Click here to download the Excel spreadsheet with the numbers. Go crazy. Prove me wrong!

The Bottom Line
Google’s IT spend nets them at least a third more in revenue than Yahoo’s, and probably 50-60% more. I didn’t look at operating expense, but Google employs about 4,000 fewer people, too. So the autonomic GFS is probably saving money on the OpEx side as well.

This is a HUGE competitive advantage. Google can undercut rivals in pricing or offer more in services, or both, any time they choose. They are currently frittering away this advantage — more on that in a later post — but the entry costs for GFS-like functionality are high, so they’ve got some time.

At the enterprise level, where IT spending may be only 10% of CapEx, Google-style infrastructure would still be significant: cut IT CapEx by a third and you’ve boosted the average manufacturing firm’s net by close to 50%. Not many CFOs can ignore numbers like those, nor will they.

StorageMojo.com will be teasing out some more implications of this in future posts.
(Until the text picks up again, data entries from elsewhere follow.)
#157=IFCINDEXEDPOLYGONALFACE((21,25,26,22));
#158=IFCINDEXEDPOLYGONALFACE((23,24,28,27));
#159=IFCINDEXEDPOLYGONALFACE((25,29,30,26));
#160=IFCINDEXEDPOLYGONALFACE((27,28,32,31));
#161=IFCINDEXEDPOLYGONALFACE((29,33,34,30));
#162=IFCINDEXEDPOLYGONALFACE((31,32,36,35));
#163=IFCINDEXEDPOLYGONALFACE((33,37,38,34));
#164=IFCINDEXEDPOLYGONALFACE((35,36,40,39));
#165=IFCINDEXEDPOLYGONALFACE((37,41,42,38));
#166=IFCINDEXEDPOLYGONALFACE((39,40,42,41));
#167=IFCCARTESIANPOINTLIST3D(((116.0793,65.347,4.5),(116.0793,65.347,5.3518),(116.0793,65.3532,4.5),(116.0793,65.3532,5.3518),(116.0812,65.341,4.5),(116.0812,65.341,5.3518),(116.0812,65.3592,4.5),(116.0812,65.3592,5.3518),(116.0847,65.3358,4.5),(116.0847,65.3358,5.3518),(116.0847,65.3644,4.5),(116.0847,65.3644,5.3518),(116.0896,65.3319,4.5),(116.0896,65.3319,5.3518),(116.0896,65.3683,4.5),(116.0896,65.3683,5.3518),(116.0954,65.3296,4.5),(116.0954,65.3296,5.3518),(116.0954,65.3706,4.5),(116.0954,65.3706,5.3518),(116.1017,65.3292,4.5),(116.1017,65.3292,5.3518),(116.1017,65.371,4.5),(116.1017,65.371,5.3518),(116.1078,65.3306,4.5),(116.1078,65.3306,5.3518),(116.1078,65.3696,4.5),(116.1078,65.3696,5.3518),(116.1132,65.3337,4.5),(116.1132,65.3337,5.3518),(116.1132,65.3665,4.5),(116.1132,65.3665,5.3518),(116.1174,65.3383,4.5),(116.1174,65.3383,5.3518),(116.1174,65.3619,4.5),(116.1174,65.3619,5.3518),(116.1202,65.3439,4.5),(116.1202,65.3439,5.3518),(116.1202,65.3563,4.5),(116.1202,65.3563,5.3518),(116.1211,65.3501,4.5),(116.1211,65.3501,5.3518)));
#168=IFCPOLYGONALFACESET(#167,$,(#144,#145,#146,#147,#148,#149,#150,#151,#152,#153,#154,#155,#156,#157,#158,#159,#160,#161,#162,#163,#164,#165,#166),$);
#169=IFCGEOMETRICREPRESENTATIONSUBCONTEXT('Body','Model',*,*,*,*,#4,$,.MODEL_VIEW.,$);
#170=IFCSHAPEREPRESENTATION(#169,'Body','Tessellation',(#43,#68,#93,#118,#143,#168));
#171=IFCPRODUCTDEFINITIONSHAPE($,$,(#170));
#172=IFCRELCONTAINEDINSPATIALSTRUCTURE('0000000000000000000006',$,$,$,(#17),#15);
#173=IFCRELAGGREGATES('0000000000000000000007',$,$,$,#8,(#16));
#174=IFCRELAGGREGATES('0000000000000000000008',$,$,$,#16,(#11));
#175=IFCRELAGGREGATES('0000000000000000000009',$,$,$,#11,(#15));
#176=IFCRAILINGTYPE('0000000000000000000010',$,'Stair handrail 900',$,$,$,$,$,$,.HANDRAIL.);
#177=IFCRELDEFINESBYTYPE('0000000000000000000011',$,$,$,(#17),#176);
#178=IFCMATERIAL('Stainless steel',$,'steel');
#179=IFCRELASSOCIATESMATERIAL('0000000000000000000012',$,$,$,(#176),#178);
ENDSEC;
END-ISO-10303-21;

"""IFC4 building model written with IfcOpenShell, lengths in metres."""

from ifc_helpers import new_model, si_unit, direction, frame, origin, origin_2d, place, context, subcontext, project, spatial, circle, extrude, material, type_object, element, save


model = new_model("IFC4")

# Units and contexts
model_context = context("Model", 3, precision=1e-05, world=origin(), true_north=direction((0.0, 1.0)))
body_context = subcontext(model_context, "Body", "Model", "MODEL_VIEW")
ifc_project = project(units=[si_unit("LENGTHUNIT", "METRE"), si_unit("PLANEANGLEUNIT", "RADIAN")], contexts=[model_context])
So bookmark us now and come back often.

Update
The ZDNet blogger Dan Farber has a podcast interview with Lars Rabbe, Yahoo’s CIO. Maybe Dan can ask a follow up question: what are you going to do about your IT cost structure?

The JPMorgan analysts concur, without the level of detail StorageMojo.com has, in a recent report. The money quote:

Technology. Finally, we believe Google has a leg up on its competition due to its massive technological infrastructure, which includes hundreds of thousands of low-cost Linux based servers. . . . We believe Google’s technological advantage provides cost savings and performance advantages that enable web services such as Gmail, Google Maps and Google web search to function with impressive speed.